There is difference. You can see PCA_1 is following Dow Jones index by there is some difference. Since the first component is only explaining 63% of the variability we don’t expect it to follow Dow Jones very closely. We should include the first 5 PCA components into PCA_5 and see how well it follows the Dow Jones.
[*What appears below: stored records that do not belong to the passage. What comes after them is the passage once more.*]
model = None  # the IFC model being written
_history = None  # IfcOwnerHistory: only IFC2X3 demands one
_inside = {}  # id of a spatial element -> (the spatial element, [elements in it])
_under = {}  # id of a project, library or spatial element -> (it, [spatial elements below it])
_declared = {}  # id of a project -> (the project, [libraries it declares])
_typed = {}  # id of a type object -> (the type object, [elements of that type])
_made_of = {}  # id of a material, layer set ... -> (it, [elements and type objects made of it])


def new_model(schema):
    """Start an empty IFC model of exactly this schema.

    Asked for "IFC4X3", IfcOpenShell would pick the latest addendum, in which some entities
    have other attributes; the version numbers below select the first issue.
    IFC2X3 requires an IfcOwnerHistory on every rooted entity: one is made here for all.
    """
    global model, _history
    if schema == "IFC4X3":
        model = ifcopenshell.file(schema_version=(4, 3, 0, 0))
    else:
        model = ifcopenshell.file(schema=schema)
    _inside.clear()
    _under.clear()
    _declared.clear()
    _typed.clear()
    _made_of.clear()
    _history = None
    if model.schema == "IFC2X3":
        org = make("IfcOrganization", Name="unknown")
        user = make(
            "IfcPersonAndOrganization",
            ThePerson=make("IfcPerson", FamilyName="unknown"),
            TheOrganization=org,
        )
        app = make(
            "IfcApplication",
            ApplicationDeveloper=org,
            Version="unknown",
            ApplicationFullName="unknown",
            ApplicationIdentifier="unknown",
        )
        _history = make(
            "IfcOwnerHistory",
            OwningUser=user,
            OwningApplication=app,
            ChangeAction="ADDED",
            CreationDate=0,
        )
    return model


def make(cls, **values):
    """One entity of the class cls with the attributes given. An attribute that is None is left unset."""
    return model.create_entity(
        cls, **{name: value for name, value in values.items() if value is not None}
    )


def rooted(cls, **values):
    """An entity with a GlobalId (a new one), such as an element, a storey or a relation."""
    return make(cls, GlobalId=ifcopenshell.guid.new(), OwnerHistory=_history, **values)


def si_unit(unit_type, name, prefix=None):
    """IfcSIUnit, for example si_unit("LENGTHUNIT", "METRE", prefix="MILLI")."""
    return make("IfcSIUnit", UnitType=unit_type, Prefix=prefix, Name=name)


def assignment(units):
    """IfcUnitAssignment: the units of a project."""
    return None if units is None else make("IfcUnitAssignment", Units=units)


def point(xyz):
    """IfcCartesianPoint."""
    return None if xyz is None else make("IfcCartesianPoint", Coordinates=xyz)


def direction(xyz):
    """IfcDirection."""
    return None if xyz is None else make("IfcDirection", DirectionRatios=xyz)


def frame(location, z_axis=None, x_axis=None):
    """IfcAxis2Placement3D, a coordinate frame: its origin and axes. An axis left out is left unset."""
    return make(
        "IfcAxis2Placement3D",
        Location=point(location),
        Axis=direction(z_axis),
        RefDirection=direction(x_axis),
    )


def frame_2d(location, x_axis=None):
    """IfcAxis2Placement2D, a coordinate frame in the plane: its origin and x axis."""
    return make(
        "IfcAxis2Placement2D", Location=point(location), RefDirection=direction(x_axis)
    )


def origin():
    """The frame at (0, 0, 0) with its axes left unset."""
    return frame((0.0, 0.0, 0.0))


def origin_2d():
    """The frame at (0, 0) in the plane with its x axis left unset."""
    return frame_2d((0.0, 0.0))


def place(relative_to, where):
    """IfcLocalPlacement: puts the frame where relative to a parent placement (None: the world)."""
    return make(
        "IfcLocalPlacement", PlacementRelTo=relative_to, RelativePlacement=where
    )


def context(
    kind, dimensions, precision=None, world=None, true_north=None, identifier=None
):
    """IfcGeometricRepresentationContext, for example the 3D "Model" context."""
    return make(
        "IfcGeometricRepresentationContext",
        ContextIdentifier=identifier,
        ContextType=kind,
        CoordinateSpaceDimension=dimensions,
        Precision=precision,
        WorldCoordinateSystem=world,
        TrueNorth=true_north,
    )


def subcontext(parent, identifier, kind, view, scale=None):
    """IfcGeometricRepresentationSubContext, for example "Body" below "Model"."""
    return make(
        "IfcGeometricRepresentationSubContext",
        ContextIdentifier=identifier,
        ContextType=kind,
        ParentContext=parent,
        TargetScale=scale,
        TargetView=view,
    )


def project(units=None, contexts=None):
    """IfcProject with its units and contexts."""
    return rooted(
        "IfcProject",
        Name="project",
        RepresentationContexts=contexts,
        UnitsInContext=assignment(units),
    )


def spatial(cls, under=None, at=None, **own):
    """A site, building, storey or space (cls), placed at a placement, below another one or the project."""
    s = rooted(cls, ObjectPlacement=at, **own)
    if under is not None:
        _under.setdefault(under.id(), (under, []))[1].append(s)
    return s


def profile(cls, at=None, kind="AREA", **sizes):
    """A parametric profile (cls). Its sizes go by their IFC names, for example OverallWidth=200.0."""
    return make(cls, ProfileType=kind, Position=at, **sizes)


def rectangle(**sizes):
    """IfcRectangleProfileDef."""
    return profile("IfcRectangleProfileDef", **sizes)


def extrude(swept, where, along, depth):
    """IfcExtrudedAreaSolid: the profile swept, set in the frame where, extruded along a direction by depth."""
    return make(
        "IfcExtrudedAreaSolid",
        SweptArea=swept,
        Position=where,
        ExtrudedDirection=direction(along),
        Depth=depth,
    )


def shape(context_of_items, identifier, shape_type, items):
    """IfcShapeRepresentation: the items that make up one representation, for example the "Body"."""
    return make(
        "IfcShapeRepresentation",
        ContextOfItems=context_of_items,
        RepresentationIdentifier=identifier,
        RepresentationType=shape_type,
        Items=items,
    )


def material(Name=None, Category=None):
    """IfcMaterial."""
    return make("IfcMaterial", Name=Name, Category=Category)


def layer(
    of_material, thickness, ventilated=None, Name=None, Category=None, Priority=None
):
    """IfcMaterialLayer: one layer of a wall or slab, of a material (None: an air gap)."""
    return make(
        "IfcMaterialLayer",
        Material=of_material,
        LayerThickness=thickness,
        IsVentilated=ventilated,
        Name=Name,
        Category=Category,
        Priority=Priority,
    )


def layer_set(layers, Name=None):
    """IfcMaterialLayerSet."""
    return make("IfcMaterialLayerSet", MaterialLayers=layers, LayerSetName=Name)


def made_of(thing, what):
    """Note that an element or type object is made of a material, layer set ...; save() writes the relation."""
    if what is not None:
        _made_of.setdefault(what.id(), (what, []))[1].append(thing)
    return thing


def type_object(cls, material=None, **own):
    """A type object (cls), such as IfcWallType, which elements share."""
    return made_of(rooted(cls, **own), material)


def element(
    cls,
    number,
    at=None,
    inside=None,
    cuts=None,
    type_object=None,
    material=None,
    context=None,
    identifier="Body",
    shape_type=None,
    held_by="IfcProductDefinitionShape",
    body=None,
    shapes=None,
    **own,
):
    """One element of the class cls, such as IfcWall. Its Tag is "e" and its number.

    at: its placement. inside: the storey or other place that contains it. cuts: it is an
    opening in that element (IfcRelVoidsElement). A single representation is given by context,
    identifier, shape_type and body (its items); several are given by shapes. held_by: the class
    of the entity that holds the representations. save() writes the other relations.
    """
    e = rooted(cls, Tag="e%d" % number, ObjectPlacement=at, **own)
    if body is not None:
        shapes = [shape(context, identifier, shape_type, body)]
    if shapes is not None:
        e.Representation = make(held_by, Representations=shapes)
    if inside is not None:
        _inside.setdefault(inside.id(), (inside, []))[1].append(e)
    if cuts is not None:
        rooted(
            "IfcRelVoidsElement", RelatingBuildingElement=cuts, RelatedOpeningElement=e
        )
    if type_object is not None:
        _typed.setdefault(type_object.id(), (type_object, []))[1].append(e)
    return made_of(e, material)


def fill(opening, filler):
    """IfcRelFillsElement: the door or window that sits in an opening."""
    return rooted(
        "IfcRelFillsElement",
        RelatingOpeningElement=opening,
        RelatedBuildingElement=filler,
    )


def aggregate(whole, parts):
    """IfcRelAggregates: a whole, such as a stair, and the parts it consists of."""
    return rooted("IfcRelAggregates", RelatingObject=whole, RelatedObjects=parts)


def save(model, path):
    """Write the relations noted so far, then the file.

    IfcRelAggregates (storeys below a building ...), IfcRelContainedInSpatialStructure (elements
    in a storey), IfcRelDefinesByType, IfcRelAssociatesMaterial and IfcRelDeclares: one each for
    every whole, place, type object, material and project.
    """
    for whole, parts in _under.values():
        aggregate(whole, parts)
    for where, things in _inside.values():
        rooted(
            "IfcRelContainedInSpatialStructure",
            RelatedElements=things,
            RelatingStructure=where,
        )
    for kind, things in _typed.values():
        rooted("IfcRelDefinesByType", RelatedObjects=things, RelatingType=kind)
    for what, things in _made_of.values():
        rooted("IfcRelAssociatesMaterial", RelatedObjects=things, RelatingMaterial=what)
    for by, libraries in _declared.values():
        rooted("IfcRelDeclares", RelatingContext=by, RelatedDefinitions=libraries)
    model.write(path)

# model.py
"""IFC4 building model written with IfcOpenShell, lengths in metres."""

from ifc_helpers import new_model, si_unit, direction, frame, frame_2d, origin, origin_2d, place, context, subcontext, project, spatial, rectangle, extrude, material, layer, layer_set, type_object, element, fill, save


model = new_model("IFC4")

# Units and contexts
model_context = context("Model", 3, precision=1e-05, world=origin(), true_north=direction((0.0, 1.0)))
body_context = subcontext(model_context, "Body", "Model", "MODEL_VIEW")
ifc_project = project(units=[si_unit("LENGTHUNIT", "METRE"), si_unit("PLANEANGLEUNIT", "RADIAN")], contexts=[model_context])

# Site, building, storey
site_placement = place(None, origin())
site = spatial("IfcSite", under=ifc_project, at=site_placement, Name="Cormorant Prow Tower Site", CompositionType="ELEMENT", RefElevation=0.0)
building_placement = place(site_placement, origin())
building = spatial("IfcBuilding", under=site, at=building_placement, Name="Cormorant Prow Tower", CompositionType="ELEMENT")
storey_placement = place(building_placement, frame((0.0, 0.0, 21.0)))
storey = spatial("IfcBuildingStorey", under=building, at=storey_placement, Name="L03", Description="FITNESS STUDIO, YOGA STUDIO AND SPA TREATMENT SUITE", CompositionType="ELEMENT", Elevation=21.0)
We plot the 3 lines PCA_1, PCA_5 and DJIA and see how well these 2 PCA indexes approximate DJIA.
#improve the results
pca = KernelPCA(n_components=5).fit(data.apply(scale_function))
pca_components = pca.transform(-data)
weights = get_we(pca.lambdas_)
dji['PCA_5'] = np.dot(pca_components, weights)
import matplotlib
import matplotlib.pyplot as plt
dji.apply(scale_function).plot(figsize=(8, 4))
Below is the plot of the three lines on the same graph!
There is some difference still. Anyway the purpose of this post was only educational. We wanted to show how to do PCA on Dow Jones Index.